Yes, The Witch is a slow-burning movie at times but it all leads to a finish I’d call very much worth the experience. The last act of this at times methodical and artsy movie is one that leaves more questions perhaps than answers, but the movie is so solid I don’t think anyone will really mind that much. It’s a damn good cinematic experience and film. The 4K release comes with lots of new stuff that you couldn’t find on the old Lionsgate 4K and the limited stuff make this worth the upgrade. Given the old school nature of the way, this movie has been shot and presented you might be shocked to learn that it does benefit from a 4K upgrade and looks pretty cool at times due to such.
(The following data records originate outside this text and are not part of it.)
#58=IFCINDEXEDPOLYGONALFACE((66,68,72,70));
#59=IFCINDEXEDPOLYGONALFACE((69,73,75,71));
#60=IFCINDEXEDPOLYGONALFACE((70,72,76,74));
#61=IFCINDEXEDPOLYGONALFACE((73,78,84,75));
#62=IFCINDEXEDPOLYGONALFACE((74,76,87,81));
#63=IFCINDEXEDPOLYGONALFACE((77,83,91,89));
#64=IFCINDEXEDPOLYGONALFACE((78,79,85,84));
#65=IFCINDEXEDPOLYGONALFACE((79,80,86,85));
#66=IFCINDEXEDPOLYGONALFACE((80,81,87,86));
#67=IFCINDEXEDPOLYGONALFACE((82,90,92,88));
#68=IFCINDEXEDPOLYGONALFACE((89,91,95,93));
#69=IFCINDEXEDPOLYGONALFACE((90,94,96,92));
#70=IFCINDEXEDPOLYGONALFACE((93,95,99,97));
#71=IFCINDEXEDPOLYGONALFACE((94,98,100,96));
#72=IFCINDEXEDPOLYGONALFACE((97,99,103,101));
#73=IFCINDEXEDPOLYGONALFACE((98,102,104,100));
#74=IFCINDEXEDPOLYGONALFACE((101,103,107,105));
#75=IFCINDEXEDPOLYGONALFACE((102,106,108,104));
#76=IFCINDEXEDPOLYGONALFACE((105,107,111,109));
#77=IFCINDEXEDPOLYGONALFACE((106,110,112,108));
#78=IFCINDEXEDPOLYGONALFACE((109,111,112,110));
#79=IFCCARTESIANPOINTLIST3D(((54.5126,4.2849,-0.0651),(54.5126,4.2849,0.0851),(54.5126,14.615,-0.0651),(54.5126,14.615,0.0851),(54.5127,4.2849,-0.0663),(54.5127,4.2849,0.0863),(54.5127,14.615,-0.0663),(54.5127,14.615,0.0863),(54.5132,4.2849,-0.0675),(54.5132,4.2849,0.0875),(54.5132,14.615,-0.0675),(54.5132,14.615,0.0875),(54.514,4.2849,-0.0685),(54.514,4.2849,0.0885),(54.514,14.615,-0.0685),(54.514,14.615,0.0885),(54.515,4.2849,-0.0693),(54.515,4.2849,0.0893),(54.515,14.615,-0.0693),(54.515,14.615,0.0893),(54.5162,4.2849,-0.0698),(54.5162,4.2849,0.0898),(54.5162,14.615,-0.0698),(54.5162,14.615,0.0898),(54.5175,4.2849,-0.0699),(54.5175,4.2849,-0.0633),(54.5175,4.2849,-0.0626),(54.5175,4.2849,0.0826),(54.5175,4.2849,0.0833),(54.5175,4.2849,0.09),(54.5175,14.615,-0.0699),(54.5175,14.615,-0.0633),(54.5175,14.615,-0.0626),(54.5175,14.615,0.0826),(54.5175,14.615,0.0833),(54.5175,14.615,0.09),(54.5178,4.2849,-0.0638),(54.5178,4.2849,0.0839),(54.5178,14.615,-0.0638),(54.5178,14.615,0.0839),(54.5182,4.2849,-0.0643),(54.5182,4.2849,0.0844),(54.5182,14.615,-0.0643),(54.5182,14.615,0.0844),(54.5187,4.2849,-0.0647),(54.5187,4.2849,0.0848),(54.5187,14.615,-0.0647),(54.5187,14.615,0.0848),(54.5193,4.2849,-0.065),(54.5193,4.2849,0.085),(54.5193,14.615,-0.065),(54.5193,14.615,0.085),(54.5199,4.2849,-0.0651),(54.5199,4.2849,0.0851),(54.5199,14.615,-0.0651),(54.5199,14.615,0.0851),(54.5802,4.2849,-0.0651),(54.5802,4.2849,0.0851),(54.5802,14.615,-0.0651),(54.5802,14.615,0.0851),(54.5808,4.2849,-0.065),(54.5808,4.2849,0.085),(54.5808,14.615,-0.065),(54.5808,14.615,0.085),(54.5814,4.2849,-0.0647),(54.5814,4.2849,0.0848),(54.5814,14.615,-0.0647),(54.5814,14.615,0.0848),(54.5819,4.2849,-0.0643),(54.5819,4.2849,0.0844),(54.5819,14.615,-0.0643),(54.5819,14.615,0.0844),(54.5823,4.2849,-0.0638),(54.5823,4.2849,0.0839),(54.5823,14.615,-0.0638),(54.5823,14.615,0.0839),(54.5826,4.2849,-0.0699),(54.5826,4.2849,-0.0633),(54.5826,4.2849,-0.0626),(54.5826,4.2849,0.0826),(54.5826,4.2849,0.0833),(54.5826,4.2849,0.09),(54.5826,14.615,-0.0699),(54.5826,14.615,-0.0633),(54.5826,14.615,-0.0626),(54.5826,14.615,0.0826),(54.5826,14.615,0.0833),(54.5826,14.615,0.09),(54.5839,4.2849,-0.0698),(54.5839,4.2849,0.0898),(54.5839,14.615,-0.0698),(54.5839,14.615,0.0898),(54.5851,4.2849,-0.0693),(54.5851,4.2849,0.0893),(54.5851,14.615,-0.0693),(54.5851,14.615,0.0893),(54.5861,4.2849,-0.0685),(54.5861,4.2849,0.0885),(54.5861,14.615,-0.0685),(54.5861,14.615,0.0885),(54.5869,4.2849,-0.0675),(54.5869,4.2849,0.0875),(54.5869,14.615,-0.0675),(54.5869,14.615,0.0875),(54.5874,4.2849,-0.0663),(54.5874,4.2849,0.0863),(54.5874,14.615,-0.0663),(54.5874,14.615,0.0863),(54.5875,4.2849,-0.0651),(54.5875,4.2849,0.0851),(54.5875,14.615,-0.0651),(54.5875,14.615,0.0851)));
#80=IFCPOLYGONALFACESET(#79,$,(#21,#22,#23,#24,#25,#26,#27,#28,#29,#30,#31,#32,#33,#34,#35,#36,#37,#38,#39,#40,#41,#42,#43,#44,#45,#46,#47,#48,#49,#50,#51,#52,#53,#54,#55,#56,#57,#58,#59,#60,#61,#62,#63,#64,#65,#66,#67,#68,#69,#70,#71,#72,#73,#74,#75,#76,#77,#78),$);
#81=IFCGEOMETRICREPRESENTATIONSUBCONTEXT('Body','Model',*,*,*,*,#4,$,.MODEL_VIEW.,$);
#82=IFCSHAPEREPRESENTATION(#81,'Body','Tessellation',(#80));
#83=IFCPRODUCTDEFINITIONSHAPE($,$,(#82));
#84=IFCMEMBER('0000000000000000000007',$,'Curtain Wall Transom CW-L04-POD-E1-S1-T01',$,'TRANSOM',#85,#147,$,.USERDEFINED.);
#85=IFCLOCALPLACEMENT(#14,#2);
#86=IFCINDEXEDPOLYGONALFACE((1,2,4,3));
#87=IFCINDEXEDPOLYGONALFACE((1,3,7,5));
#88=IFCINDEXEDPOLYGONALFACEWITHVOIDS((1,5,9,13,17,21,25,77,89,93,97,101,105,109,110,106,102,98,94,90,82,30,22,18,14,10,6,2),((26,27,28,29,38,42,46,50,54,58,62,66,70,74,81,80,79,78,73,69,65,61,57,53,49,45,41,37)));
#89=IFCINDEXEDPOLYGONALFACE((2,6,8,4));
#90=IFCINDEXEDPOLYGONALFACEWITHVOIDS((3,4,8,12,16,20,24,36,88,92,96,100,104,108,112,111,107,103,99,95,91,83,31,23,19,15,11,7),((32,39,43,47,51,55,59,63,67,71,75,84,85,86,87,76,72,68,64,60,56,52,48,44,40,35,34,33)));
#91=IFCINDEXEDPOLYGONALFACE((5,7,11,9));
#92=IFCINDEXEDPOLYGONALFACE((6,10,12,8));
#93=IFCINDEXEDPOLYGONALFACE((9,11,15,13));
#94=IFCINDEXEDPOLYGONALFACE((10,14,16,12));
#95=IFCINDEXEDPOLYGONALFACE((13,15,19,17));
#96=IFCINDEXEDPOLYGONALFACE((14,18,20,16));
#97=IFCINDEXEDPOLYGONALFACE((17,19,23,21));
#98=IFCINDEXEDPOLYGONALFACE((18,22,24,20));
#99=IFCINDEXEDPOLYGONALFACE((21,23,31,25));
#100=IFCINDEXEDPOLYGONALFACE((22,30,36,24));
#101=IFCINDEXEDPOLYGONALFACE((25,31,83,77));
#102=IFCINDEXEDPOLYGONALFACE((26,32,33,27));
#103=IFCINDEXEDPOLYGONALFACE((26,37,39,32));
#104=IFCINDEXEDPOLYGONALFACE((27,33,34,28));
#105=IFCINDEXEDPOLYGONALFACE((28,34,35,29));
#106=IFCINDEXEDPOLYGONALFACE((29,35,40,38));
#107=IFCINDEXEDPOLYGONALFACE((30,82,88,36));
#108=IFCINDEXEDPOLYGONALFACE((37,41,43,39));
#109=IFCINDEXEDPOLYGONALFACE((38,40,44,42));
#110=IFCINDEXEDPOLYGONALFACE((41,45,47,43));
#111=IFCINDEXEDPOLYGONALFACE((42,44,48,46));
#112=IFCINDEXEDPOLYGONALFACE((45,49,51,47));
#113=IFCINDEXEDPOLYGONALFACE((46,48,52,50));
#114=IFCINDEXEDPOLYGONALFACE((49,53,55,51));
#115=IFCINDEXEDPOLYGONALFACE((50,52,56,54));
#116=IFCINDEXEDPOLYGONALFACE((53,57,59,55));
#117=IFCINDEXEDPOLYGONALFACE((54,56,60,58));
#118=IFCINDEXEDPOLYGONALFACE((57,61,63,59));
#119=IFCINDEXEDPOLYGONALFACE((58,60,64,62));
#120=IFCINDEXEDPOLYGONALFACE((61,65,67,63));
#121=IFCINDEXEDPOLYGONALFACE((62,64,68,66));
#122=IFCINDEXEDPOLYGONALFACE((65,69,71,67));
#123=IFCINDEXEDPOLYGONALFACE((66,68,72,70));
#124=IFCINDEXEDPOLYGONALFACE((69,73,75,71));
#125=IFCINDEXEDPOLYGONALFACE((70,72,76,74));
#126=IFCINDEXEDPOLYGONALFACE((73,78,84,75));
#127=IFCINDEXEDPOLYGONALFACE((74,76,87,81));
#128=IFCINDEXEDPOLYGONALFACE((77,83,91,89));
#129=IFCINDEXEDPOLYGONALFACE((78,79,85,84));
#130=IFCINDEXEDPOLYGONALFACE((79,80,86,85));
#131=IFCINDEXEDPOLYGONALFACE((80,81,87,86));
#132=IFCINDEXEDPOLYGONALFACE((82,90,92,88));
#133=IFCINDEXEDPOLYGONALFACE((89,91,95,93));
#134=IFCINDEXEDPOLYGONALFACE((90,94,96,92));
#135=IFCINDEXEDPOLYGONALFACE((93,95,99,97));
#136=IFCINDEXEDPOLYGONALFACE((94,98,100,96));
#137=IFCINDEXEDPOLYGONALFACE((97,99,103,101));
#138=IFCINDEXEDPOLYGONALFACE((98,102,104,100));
The atmosphere is also a big part of what makes the movie work and the upgrade in quality only helps that here. So if you’ve never seen this one before, be sure to check it out. If you are wanting to upgrade, I’d say go for it as well.


  • Archive audio commentary by Director Robert Eggers
  • New audio commentary by film writer and broadcaster Anna Bogutskaya
  • A Puritan Nightmare: a new interview with Robert Eggers
  • Embracing Darkness: a new interview with Anya Taylor-Joy
  • Love Thy Father: a new interview Ralph Ineson
  • A Pious Wife: a new interview with Actor Kate Dickie
  • Caleb’s Lament: a new interview with Actor Harvey Scrimshaw
  • A Primal Folktale: features interviews with Robert Eggers and cast
  • BFI London Film Festival Q&A with Robert Eggers, Anya Taylor-Joy, Ralph Ineson and Producer Jay Van Hoy
  • Brothers: a short film by Robert Eggers
  • Optional English subtitles for the hearing impaired
    Limited Edition Contents
  • Rigid slipcase with new artwork by Peter Diamond
  • 150-page hardback book with new essays by Emerson Baker, Daniel Bird, Anton Bitel, Charles Bramesco, Lillian Crawford, Shelagh Rowan-Legg and Anya Stanley plus stills, costume and production design gallery.